The Insolvency Exception

Forbes Senior Contributor Adam S. Minsky gave a good rundown of the overall situation on August 29.  He mentions the possibility of the insolvency exception, but has a lot more ground to cover and did not go into detail.  Here is some detail.

The insolvency exclusion is Section 108(a)(1)(B) of the Internal Revenue Code.   It provides that gross income does not include discharge income if – “the discharge occurs when the taxpayer is insolvent”. The exclusion that applies to student loans is way down at Section 108(f)(5).  The student loan exemption is a better deal than the insolvency exception as it does not require reduction of favorable tax attributes, but that might not be of much importance to most borrowers.

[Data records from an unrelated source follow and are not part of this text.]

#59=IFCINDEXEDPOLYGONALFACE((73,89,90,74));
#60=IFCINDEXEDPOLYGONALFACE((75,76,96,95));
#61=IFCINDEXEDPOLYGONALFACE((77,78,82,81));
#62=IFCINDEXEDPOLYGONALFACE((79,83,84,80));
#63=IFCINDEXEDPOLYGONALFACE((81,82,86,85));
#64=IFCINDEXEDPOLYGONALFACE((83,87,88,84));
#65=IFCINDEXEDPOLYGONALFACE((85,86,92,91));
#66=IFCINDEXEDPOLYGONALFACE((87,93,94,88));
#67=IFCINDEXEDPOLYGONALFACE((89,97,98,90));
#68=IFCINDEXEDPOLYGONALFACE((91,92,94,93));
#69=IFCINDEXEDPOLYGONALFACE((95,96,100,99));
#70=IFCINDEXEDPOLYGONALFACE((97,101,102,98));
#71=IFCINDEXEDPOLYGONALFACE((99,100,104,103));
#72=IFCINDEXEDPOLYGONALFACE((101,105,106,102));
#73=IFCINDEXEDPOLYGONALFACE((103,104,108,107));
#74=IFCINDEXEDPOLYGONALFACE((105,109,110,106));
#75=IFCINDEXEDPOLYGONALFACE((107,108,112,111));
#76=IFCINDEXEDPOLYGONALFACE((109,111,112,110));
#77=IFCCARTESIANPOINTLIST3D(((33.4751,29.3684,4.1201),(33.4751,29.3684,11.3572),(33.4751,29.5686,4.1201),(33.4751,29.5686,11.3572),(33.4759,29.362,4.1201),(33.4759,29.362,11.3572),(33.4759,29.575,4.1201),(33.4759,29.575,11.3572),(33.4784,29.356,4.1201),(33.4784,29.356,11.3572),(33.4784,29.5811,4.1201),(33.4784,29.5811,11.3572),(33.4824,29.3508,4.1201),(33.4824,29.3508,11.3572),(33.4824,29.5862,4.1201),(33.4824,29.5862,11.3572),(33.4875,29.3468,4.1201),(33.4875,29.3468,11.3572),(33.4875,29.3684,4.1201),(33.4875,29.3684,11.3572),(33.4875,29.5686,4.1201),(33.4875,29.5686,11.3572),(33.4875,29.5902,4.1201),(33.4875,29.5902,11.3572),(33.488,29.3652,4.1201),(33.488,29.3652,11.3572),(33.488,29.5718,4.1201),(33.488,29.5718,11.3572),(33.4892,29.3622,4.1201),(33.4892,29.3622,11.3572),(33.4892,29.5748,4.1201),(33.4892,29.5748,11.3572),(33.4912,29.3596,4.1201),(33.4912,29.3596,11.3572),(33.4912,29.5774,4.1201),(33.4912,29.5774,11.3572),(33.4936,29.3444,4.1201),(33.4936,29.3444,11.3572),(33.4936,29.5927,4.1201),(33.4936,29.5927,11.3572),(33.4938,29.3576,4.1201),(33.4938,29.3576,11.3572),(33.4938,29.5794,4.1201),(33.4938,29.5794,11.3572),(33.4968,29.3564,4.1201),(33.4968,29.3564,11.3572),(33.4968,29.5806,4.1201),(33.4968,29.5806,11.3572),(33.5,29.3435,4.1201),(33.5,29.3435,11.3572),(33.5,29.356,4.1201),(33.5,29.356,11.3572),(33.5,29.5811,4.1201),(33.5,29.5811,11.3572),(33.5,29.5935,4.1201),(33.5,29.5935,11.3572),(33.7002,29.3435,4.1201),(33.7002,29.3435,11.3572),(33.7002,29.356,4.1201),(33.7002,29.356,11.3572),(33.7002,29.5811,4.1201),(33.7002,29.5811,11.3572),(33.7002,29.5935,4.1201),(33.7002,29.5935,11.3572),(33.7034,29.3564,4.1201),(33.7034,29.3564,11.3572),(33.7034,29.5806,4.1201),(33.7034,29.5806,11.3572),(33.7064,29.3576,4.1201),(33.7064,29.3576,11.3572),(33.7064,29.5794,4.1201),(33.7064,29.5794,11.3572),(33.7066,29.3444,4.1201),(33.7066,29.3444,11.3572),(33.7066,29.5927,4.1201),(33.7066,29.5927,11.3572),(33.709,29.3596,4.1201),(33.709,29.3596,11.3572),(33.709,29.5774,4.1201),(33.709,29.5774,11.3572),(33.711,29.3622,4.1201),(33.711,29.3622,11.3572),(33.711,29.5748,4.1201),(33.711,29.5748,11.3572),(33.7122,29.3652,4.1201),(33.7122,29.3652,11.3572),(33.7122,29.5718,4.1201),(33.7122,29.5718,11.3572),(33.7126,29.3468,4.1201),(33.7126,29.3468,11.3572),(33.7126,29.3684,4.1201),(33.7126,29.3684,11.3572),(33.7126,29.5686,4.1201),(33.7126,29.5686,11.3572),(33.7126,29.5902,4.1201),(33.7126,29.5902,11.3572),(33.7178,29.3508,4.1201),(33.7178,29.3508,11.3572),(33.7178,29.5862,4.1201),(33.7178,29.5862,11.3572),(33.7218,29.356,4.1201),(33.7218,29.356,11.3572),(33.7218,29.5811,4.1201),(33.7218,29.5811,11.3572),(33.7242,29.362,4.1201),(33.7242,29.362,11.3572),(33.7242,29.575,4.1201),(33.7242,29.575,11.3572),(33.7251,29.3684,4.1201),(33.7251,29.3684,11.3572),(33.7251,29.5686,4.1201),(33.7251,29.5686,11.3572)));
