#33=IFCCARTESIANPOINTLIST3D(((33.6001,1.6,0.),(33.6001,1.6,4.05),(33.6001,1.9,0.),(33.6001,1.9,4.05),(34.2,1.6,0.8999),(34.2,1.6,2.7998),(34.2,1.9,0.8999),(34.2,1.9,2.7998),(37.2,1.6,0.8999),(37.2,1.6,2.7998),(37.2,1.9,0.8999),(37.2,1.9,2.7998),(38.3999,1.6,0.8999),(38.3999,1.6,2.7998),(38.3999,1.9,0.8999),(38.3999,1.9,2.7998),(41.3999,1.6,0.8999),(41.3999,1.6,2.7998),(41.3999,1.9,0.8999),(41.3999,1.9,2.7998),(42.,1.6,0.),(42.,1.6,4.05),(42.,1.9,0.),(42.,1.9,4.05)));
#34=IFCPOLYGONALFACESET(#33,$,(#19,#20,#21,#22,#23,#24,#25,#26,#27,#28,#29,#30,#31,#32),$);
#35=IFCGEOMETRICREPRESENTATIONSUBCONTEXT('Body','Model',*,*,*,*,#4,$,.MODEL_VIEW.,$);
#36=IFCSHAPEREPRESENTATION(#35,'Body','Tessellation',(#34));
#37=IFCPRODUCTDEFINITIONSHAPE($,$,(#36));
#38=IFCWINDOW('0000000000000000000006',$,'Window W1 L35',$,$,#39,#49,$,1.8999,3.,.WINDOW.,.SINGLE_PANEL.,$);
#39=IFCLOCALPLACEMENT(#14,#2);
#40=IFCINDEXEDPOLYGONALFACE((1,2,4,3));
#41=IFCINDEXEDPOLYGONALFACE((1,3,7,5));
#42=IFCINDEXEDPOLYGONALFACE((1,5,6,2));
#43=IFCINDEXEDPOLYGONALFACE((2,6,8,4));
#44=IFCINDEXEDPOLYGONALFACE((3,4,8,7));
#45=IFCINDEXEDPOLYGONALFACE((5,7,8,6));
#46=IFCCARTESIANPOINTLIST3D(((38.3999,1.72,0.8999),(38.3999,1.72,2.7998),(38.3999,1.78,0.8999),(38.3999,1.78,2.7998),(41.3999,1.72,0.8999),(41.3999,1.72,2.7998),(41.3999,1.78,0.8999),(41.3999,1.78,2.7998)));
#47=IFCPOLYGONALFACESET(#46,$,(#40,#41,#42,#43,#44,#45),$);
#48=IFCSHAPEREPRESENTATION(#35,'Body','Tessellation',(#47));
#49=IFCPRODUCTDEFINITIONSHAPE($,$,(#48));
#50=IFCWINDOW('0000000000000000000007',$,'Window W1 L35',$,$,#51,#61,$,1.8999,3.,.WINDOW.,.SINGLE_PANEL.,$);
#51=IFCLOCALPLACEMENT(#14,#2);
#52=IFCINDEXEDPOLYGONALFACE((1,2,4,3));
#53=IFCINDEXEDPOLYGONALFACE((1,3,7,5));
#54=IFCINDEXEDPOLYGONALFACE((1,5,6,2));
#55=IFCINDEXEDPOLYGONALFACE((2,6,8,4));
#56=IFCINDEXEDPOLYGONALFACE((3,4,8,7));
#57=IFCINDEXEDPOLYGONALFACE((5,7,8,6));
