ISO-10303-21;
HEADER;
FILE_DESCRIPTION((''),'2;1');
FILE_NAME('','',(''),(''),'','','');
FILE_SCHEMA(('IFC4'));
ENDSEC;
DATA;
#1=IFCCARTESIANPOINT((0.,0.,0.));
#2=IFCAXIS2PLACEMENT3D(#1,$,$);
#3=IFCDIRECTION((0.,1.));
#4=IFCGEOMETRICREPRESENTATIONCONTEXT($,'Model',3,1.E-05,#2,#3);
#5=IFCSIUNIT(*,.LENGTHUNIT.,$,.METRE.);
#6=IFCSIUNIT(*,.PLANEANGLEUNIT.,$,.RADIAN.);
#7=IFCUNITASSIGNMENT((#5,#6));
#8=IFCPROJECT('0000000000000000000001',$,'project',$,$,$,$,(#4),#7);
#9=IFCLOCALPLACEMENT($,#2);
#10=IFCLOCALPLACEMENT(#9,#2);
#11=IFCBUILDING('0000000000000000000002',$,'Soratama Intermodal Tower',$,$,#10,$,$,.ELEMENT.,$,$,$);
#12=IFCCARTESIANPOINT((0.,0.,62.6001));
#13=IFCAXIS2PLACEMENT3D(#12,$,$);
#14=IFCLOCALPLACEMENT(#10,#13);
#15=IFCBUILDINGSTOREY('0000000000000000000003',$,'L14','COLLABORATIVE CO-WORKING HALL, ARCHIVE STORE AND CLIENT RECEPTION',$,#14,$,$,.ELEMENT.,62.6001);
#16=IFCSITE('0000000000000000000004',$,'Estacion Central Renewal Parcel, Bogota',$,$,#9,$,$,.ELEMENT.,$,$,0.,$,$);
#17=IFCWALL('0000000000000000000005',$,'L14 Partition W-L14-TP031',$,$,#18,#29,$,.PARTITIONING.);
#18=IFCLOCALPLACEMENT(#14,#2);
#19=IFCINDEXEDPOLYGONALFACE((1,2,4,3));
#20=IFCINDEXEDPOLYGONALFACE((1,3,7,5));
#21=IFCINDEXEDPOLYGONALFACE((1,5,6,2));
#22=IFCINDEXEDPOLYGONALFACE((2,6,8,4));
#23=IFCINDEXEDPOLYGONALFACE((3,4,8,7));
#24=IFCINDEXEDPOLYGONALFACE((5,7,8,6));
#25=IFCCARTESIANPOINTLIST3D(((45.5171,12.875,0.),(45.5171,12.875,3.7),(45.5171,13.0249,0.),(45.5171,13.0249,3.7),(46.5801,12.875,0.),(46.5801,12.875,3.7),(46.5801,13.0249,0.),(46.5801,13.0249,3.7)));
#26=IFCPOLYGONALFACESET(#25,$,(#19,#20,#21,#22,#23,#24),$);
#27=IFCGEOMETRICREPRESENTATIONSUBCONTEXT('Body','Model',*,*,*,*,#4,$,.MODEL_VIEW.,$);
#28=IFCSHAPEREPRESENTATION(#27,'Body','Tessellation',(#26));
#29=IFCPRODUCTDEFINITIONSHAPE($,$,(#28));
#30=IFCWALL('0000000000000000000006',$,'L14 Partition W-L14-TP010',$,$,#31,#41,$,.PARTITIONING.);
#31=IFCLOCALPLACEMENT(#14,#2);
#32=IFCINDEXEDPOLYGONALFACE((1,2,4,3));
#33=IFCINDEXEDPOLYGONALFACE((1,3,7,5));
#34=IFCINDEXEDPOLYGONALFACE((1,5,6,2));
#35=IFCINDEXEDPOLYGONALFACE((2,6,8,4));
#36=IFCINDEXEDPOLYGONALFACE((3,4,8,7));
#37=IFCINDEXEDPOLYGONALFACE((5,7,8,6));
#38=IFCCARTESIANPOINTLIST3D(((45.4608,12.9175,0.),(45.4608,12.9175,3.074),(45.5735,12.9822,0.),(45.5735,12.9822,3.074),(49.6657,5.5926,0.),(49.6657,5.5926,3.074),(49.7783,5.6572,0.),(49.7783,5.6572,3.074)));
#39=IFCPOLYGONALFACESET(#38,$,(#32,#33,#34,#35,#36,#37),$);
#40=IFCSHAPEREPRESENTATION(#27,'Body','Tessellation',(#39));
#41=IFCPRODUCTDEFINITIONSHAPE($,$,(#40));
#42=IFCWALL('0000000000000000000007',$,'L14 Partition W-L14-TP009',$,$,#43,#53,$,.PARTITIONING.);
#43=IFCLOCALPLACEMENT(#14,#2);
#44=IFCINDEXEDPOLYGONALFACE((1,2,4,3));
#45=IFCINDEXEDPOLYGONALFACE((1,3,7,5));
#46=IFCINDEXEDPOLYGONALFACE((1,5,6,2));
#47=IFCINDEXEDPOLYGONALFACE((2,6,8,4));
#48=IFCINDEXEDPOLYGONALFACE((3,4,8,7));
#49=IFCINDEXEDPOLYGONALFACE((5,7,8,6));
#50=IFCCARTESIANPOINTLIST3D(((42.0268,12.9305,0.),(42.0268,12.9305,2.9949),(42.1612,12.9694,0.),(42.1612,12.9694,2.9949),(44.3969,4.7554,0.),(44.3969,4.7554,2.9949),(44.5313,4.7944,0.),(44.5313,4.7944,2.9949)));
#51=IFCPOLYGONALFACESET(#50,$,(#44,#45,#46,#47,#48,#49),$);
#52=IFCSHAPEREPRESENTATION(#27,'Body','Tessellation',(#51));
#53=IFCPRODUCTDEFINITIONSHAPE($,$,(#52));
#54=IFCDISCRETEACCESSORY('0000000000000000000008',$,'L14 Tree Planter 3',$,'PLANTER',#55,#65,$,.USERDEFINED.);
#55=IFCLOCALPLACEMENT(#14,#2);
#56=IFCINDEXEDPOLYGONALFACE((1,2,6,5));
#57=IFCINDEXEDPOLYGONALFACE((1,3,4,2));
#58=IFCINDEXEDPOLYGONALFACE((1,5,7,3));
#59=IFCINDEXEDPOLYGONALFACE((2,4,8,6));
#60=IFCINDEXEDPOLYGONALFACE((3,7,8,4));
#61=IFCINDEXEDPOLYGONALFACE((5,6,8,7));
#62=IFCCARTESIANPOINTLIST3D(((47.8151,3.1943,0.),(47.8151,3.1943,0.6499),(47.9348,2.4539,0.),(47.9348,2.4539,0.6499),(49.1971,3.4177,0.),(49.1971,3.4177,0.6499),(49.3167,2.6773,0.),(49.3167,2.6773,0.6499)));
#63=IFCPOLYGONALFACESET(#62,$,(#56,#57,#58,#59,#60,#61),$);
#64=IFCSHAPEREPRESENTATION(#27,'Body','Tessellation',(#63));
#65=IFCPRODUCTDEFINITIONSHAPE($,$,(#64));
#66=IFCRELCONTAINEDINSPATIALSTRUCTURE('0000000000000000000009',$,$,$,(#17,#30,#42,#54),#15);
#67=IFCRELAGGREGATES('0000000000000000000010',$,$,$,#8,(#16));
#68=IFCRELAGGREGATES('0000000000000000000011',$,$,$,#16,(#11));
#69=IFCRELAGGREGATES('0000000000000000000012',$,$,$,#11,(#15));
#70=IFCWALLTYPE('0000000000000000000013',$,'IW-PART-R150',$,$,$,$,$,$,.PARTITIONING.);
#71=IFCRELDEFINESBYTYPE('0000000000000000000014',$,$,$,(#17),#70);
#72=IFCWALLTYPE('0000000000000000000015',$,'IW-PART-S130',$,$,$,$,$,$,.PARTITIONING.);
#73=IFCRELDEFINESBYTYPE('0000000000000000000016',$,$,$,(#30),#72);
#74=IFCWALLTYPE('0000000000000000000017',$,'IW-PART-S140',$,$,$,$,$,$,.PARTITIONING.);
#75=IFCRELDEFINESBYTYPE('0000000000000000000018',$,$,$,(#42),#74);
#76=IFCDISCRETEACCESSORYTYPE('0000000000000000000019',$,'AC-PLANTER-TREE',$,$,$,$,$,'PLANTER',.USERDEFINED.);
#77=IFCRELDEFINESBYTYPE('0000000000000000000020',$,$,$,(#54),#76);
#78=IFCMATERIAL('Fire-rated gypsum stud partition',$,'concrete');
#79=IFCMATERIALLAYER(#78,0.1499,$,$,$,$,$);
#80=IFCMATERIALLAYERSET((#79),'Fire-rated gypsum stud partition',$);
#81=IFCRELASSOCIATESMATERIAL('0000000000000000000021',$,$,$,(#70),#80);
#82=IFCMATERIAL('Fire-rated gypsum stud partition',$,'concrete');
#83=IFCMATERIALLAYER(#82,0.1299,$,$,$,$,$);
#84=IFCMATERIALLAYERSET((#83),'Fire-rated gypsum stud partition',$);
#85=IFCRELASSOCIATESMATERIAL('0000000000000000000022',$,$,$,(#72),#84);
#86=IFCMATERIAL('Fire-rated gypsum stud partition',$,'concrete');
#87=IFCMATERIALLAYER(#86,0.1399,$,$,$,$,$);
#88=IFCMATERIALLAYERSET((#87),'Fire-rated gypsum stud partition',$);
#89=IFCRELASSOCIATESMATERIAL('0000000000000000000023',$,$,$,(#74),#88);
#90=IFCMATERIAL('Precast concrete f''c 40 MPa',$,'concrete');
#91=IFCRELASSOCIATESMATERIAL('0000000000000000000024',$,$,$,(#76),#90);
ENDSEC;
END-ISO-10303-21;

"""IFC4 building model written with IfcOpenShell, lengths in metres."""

from ifc_helpers import new_model, si_unit, direction, frame, frame_2d, origin, origin_2d, place, context, subcontext, project, spatial, rectangle, extrude, material, layer, layer_set, type_object, element, save


model = new_model("IFC4")

# Units and contexts
model_context = context("Model", 3, precision=1e-05, world=origin(), true_north=direction((0.0, 1.0)))
body_context = subcontext(model_context, "Body", "Model", "MODEL_VIEW")
ifc_project = project(units=[si_unit("LENGTHUNIT", "METRE"), si_unit("PLANEANGLEUNIT", "RADIAN")], contexts=[model_context])

# Site, building, storey
site_placement = place(None, origin())
site = spatial("IfcSite", under=ifc_project, at=site_placement, Name="Estacion Central Renewal Parcel, Bogota", CompositionType="ELEMENT", RefElevation=0.0)
building_placement = place(site_placement, origin())
building = spatial("IfcBuilding", under=site, at=building_placement, Name="Soratama Intermodal Tower", CompositionType="ELEMENT")
storey_placement = place(building_placement, frame((0.0, 0.0, 62.6001)))
storey = spatial("IfcBuildingStorey", under=building, at=storey_placement, Name="L14", Description="COLLABORATIVE CO-WORKING HALL, ARCHIVE STORE AND CLIENT RECEPTION", CompositionType="ELEMENT", Elevation=62.6001)

# Shared definitions
ifc_material_1 = material(Name="Fire-rated gypsum stud partition", Category="concrete")
ifc_layer_1 = layer(ifc_material_1, 0.1499)
ifc_layer_set_1 = layer_set([ifc_layer_1], Name="Fire-rated gypsum stud partition")
wall_type_1 = type_object("IfcWallType", Name="IW-PART-R150", PredefinedType="PARTITIONING", material=ifc_layer_set_1)

# Walls
wall_1_placement = place(storey_placement, frame((46.5801, 12.95, 0.0), z_axis=(0.0, 0.0, 1.0), x_axis=(-1.0, 0.0, 0.0)))
element("IfcWall", 1, at=wall_1_placement, inside=storey, type_object=wall_type_1, Name="L14 Partition W-L14-TP031", PredefinedType="PARTITIONING", context=body_context, shape_type="SweptSolid", body=[
    extrude(rectangle(XDim=1.063, YDim=0.1499, at=frame_2d((0.5315, 0.0))), origin(), (0.0, 0.0, 1.0), 3.7),
])
ifc_material_2 = material(Name="Fire-rated gypsum stud partition", Category="concrete")
ifc_layer_2 = layer(ifc_material_2, 0.1299)
ifc_layer_set_2 = layer_set([ifc_layer_2], Name="Fire-rated gypsum stud partition")
wall_type_2 = type_object("IfcWallType", Name="IW-PART-S130", PredefinedType="PARTITIONING", material=ifc_layer_set_2)
wall_2_placement = place(storey_placement, frame((45.5171, 12.95, 0.0), z_axis=(0.0, 0.0, 1.0), x_axis=(0.497847, -0.867265, 0.0)))
element("IfcWall", 2, at=wall_2_placement, inside=storey, type_object=wall_type_2, Name="L14 Partition W-L14-TP010", PredefinedType="PARTITIONING", context=body_context, shape_type="SweptSolid", body=[
    extrude(rectangle(XDim=8.446, YDim=0.1299, at=frame_2d((4.2231, 0.0))), origin(), (0.0, 0.0, 1.0), 3.074),
])
ifc_material_3 = material(Name="Fire-rated gypsum stud partition", Category="concrete")
ifc_layer_3 = layer(ifc_material_3, 0.1399)
ifc_layer_set_3 = layer_set([ifc_layer_3], Name="Fire-rated gypsum stud partition")
wall_type_3 = type_object("IfcWallType", Name="IW-PART-S140", PredefinedType="PARTITIONING", material=ifc_layer_set_3)
wall_3_placement = place(storey_placement, frame((42.094, 12.95, 0.0), z_axis=(0.0, 0.0, 1.0), x_axis=(0.278454, -0.960449, 0.0)))
element("IfcWall", 3, at=wall_3_placement, inside=storey, type_object=wall_type_3, Name="L14 Partition W-L14-TP009", PredefinedType="PARTITIONING", context=body_context, shape_type="SweptSolid", body=[
    extrude(rectangle(XDim=8.5117, YDim=0.1399, at=frame_2d((4.2559, 0.0))), origin(), (0.0, 0.0, 1.0), 2.9949),
])

# Discrete accessory
ifc_material_4 = material(Name="Precast concrete f'c 40 MPa", Category="concrete")
discrete_accessory_type = type_object("IfcDiscreteAccessoryType", Name="AC-PLANTER-TREE", ElementType="PLANTER", PredefinedType="USERDEFINED", material=ifc_material_4)
discrete_accessory_placement = place(storey_placement, frame((48.5659, 2.9358, 0.0), z_axis=(0.0, 0.0, 1.0), x_axis=(0.159537, -0.987192, 0.0)))
element("IfcDiscreteAccessory", 4, at=discrete_accessory_placement, inside=storey, type_object=discrete_accessory_type, Name="L14 Tree Planter 3", ObjectType="PLANTER", PredefinedType="USERDEFINED", context=body_context, shape_type="SweptSolid", body=[
    extrude(rectangle(XDim=0.75, YDim=1.3999, at=origin_2d()), origin(), (0.0, 0.0, 1.0), 0.6499),
])

save(model, "model.ifc")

Normally you claim the insolvency exception by attaching Form 982 to your federal return which then requires you to allocate the reduction among favorable tax attributes you might have.  For many people that might be none. The instructions refer you to Publication 4681 which includes a worksheet on Page 7 that you fill out to determine whether you are insolvent.  You don’t need to attach the worksheet.  Save it with your records.

How exactly you will claim the insolvency exception on a state return when you are not claiming it on a federal return remains to be seen.

How Common Is This Situation ?

I only have anecdotal and speculative information to go on, but I am thinking that a very large number of the people who benefit from the reduction will still be insolvent afterwards.  In 2020 I took a pretty deep dive into student loans and debt forgiveness in this piece. If it was a movie I would have said it was based on or maybe inspired by a true story.  None of the names are real.  I gave Taylor, the debtor in the story a call to see how this might play out for them.  I decided that Taylor was going to move to be in Mississippi. Taylor is twenty-something and ran up $60,000 getting a Masters that turned out to not be very lucrative.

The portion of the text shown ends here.